THE POLITICAL ECOLOGY OF SETTLEMENT GEOGRAPHY ON THE ORDOS PLATEAU: AN ENVIRONMENTAL AND SPATIAL HISTORY OF BORDERLAND INFRASTRUCTURE IN IMPERIAL CHINA

Starting Time 活動開始時間

May 14, 2024 at 12:00 PM UTC

(In your time zone. 閣下所在時區)

May 14, 2024 at 2:00 PM GMT+2

(In the event local time zone. 活動所在時區)

Participants 嘉賓

Prof. Ruth Mostern ( University of Pittsburgh)

Organizers 主協辦機構

ERC project Regionalizing Infrastructures in Chinese History (RegInfra)  and KU Leuven Early Modern Research Group

Mode 活動形式
Hybrid
Venue 地點
KU Leuven MSI 01.20
Langauges 語言
English
Description 詳情

The Ordos Plateau, the semiarid loess-soil region of northern Shaanxi at the periphery of the East Asian summer monsoon, is a historically multiethnic domain that is sensitive to small shifts in climate.  During imperial times, Ordos residents generally subsisted as herders, farmers, and salt miners.  The Ordos was also a strategic zone of transit, transition and contention between the steppes and the imperial core. For that reason, it was often heavily fortified despite its unpredictable climate, its highly erodible soil, and its delicate ethnic geography.  This talk presents research based on the spatial analysis of 564 data points representing the locations of cities and forts from pre-imperial times through the Qing dynasty, proxies for the intensiveness of human activity in any time and place, as recorded in The Atlas of Chinese Material Culture (Zhongguo Wenwu dituji 中国文物地图集). Each of those sites was also associated with land degradation, which in turn shaped subsequent possibilities in the region.  Adopting the time scale of the entire imperial era, this research traces changes to imperial boundaries, political ecology, and state power in the context of both geopolitical and environmental histories. It also tracks the long history of conflict, coexistence, and settler colonialism in an originally multiethnic region.  The paper narrates the southerly retreat of the state after the Han era as the region became more arid; the emergence of what eventually became the great wall line starting in the Tang; the militarization of that line in the Song followed by the formation of ethnically Han space along it during the in Ming; and the emergence of an even more southerly commercial and ethnically Chinese space in the Qing.
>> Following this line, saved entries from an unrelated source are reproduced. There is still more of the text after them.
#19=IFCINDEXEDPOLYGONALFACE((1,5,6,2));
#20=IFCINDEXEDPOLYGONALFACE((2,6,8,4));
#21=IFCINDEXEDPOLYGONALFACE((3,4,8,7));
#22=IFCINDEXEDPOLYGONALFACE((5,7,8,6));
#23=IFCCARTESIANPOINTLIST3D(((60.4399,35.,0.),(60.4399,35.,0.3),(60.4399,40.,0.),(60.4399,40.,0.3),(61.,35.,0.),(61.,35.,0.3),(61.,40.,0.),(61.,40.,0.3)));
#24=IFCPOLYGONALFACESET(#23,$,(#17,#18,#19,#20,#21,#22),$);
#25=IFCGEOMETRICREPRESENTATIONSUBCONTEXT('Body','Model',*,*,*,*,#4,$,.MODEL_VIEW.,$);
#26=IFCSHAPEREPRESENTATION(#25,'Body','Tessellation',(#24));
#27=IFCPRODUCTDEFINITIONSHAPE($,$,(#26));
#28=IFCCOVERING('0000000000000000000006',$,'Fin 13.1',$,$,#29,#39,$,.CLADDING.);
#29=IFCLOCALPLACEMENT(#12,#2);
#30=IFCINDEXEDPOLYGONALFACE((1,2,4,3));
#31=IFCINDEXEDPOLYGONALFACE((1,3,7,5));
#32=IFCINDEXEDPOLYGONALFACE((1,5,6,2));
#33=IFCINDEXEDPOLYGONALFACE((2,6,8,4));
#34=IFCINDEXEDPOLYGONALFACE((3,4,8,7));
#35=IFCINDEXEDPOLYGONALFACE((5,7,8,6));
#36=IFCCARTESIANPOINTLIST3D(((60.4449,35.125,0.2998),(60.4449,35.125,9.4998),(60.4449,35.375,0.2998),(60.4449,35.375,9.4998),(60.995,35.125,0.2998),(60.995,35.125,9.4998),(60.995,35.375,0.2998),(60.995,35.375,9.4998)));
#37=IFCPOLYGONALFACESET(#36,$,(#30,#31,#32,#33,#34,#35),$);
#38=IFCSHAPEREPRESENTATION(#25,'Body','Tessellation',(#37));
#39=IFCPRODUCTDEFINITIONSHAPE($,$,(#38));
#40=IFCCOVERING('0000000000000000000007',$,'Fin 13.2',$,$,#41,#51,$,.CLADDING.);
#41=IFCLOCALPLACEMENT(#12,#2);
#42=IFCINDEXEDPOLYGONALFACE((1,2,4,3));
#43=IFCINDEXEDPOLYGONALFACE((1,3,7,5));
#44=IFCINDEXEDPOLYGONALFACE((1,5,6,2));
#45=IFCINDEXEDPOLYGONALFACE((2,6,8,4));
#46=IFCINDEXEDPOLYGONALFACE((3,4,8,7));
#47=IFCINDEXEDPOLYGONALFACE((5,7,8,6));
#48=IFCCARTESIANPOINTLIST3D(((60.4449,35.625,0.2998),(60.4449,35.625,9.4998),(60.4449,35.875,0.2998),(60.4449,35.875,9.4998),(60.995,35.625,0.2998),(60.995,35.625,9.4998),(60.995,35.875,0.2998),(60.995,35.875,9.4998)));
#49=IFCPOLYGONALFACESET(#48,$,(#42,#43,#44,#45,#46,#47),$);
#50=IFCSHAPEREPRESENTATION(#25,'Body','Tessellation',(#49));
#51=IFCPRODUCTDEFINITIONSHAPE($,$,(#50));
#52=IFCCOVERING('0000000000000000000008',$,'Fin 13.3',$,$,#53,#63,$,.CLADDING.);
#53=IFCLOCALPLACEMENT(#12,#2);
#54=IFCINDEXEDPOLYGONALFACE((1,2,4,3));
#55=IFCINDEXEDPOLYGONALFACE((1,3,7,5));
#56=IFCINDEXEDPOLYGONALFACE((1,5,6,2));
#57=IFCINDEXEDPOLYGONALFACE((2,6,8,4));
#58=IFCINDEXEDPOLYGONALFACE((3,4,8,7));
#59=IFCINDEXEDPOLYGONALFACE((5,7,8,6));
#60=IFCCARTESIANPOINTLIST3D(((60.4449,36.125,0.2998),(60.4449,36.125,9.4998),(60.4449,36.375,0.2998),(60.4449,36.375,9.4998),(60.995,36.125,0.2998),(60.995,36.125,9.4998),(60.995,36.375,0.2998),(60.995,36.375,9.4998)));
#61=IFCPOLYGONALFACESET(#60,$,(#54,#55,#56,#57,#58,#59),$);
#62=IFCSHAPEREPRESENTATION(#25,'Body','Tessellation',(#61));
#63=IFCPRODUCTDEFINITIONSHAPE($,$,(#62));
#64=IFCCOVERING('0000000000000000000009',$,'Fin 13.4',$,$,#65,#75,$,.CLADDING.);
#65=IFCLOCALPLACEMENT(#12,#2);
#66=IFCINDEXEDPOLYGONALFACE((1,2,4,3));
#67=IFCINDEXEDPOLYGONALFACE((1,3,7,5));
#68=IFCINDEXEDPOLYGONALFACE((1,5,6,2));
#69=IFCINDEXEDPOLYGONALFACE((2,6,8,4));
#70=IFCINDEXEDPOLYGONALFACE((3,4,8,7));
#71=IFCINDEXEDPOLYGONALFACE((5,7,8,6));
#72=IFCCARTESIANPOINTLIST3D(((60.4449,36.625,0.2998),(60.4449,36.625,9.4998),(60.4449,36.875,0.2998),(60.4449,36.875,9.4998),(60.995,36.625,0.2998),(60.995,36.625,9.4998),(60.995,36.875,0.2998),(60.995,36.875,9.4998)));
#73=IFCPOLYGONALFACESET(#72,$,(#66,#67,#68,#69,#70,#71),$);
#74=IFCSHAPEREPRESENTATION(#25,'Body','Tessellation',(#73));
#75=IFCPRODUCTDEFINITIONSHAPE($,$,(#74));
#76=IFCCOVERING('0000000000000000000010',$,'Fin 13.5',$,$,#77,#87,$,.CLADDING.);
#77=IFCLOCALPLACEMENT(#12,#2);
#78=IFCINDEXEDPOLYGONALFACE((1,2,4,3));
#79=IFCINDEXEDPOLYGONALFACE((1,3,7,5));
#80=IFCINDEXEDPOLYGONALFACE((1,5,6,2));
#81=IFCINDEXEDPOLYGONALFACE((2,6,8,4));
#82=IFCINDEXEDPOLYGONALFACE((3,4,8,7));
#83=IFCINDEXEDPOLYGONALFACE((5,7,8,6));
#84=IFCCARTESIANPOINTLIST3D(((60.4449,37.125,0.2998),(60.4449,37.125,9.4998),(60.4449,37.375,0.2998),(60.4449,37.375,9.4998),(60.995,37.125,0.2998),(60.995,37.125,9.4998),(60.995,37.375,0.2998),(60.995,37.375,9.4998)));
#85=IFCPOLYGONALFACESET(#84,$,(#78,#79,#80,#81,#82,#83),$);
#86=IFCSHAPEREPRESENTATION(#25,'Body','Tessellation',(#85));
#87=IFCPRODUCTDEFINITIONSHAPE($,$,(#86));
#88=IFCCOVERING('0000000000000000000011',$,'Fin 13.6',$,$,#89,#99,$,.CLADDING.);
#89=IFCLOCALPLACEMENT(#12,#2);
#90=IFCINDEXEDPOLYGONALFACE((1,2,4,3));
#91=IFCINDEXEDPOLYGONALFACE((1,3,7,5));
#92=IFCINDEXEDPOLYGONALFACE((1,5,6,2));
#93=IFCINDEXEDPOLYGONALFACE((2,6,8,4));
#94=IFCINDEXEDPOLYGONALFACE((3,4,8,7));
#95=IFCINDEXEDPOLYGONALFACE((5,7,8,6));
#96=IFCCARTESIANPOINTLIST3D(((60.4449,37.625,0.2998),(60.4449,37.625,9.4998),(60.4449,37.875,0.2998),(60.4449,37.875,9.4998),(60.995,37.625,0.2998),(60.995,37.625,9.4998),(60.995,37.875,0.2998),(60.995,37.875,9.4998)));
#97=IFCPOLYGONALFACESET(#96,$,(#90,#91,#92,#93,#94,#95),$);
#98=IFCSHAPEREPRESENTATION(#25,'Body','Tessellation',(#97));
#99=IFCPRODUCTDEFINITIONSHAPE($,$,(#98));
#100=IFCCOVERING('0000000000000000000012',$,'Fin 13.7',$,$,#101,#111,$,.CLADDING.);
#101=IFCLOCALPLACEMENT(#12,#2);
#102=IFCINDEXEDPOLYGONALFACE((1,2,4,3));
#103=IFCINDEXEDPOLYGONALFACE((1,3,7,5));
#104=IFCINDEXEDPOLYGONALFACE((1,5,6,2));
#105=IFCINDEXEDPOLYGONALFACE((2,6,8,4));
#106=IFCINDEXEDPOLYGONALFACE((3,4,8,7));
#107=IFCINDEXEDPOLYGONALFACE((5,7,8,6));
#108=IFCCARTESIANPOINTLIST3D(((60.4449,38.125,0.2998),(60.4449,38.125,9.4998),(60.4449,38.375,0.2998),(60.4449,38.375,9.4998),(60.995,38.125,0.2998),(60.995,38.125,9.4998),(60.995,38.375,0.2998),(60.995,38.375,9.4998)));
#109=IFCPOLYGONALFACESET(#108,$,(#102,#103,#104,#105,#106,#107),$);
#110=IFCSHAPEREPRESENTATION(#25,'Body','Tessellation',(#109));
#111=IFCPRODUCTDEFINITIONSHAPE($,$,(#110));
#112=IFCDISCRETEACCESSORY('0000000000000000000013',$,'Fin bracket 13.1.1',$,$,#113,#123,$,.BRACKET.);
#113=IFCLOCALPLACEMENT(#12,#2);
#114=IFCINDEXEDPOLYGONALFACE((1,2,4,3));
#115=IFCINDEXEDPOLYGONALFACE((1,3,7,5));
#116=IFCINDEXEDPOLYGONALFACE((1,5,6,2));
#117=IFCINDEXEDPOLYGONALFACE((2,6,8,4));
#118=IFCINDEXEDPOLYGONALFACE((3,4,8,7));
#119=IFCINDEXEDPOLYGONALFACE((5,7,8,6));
Ruth Mostern is Professor of History and Director of the World History Center at the University of Pittsburgh and Vice President of the World History Association.  She is the author of two single-authored books: Dividing the Realm in Order to Govern: The Spatial Organization of the Song State, 960-1276 CE (Harvard Asia Center, 2011), and The Yellow River: A Natural and Unnatural History (Yale University Press, 2021), winner of the Joseph Levenson Prize from the Association for Asian Studies in 2022.  She is also co-editor of Placing Names: Enriching and Integrating Gazetteers (Indiana University Press, 2016), and of a special issue of Open Rivers Journal (2017).  She is the author or co-author of over thirty articles published in books and peer reviewed journals.  Ruth is Principal Investigator and Project Director of the World Historical Gazetteer, a prize-winning digital infrastructure platform for integrating databases of historical place name information.  Her research has been funded by entities that include the US National Endowment for the Humanities, the US National Science Foundation, the American Council of Learned Societies, and others.